An FIC is owned by shareholders. The founder of an FIC can have shares in it and on creation would transfer shares to other members of the family. There is likely to be some flexibility of control and rights with the use of different share classes so that the founder can retain voting control and other shareholders having similar or varying rights to capital and income.

3. Income

FICs pay corporation tax at 19% and, for FICs owning shares; dividends are exempt from corporation tax. Therefore an FIC allows income retained to grow wealth tax efficiently.

The directors and shareholders of the Family Investment Company have the flexibility to decide whether to distribute any of the income as dividends to the shareholders or to retain the profits in the FIC to reduce debt or invest further.
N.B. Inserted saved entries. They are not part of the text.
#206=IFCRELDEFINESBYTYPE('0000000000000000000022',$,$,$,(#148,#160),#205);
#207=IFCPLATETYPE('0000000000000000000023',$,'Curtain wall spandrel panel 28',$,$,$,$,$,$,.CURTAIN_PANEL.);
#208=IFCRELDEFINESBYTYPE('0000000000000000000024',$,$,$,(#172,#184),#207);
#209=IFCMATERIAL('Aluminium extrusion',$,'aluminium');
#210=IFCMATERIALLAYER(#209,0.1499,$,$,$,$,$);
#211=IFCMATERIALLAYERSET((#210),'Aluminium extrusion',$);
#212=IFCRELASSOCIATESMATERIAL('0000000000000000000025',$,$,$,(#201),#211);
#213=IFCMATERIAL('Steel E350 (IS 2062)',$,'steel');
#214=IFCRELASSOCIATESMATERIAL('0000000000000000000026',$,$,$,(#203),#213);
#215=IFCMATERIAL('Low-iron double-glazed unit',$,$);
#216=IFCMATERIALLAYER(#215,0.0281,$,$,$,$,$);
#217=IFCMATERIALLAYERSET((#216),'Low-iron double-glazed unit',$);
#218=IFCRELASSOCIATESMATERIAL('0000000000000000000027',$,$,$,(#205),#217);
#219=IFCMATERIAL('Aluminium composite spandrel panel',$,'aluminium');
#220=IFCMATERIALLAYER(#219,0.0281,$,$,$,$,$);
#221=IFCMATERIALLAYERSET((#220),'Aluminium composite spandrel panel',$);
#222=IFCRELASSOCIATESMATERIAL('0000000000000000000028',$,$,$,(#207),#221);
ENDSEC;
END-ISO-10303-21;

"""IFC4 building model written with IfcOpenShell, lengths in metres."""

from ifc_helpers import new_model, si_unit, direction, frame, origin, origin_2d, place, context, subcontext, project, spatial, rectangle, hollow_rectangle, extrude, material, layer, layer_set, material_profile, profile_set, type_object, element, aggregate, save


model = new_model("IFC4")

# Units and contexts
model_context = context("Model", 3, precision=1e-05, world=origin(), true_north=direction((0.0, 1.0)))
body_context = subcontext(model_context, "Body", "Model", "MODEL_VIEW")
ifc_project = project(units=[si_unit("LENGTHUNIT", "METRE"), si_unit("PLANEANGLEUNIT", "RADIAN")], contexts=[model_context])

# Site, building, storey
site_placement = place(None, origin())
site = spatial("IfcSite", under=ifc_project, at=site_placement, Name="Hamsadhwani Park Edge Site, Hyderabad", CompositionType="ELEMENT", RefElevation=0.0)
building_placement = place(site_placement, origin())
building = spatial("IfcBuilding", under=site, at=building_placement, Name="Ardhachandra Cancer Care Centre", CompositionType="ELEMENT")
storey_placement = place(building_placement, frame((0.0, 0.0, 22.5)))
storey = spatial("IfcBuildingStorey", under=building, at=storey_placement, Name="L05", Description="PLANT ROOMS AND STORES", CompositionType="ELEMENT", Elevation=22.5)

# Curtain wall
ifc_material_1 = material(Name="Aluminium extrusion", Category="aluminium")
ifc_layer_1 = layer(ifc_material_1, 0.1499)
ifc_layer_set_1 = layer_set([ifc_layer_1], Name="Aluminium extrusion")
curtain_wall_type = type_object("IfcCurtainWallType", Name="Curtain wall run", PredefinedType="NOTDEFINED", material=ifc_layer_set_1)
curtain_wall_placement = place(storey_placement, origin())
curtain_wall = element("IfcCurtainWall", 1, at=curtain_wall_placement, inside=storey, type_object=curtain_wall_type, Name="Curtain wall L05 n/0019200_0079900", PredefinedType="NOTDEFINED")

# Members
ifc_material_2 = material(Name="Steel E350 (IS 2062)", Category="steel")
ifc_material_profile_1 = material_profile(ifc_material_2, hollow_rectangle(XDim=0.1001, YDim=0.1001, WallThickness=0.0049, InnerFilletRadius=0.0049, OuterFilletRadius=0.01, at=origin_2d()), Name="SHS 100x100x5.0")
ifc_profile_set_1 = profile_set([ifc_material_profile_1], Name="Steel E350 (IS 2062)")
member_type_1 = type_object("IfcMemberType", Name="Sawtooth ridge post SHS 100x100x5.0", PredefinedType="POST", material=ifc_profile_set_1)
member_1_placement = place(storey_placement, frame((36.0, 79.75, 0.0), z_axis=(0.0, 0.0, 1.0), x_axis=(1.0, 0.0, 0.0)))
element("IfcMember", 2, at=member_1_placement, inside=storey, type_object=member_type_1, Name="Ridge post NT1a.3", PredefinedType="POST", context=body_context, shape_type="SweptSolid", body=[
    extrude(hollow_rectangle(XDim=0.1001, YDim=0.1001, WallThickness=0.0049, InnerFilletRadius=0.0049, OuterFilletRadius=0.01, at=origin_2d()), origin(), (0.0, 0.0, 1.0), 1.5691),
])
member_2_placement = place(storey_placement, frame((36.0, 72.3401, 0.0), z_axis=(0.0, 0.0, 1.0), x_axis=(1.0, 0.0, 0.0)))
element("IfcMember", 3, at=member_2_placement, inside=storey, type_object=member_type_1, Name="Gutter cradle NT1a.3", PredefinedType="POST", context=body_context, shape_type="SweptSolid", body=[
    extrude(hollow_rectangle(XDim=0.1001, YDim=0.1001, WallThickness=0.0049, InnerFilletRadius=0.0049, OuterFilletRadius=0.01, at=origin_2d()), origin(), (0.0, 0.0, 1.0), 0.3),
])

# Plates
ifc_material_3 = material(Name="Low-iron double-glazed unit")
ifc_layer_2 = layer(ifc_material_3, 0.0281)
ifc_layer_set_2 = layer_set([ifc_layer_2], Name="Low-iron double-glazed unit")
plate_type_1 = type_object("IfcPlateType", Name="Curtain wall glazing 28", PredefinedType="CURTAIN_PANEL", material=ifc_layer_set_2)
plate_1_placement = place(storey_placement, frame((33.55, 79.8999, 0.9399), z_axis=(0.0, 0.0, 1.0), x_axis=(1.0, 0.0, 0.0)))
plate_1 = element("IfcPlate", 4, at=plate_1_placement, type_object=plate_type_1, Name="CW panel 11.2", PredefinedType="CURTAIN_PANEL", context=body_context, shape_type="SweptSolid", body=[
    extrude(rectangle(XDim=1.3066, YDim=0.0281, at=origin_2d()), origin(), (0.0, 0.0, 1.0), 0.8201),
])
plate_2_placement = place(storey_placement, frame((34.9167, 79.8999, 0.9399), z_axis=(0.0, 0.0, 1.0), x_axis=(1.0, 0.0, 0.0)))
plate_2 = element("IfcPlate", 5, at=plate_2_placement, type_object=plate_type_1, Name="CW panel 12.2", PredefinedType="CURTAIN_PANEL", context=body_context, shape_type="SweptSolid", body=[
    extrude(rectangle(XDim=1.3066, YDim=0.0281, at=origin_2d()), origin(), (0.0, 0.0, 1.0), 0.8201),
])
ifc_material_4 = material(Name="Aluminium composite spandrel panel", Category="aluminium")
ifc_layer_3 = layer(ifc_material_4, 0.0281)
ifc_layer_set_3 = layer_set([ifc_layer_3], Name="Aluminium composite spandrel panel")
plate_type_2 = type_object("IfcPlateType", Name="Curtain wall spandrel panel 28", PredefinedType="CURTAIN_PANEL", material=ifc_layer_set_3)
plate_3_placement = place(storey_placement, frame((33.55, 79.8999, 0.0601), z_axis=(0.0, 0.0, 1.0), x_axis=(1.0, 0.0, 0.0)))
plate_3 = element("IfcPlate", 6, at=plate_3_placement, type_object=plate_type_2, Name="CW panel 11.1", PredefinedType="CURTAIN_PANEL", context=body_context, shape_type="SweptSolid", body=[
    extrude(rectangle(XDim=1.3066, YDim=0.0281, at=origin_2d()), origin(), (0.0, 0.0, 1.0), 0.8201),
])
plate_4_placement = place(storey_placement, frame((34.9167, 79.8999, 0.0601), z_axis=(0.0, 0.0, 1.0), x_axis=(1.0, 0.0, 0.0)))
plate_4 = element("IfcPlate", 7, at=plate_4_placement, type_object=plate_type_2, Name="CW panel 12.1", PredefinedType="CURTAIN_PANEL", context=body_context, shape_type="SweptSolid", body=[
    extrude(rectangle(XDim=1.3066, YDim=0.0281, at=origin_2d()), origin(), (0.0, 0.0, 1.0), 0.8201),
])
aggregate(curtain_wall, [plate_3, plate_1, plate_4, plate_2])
The founder can receive income, without a tax charge, by repayment of the initial loan. The founder can also receive a salary for services and dividends can be paid to the shareholders. Dividends are chargeable to income tax on the shareholder at a rate of nil% to 38.1%.

4. Future IHT

On the creation of the Family Investment Company, the founder is unlikely to have passed much value to the next generation. The shares are worth a minimal amount because the founder has passed assets or cash into the FIC in return for a loan so the two net it each off. However, over time, the FIC will grow in value, and therefore so will the shares. The articles can be written so the children’s shares receive all growth in value, or growth over a certain level, which is both IHT efficient and can incentivise the next generation to grow the wealth. In addition, the founder can utilise the IHT annual allowance by making gifts of the loan and/or shares, to the next generation.

Unlike trusts, there are no ten yearly IHT charges. Instead, the value of shares retained will be in the shareholders estate for IHT purposes.

FICs are particularly attractive for assets expected to rise in value in the future. For example, FICs are often used for potential solar parks and property developments, where land is transferred at a low value, in consideration of a loan to the founder. The increase in value can then be held by the next generation whilst access to income and control can be retained by the founder.

Both trusts and FIC’s have their place in tax and succession planning. If the ten-year IHT charges can be managed a trust can help mitigate many generations of IHT charges whilst protecting the assets for future generations with appropriate control and supervision. In some cases, the use of trusts and Family Investment Companies are appropriate to balance control and flexibility as well as income tax efficiency across the family and business.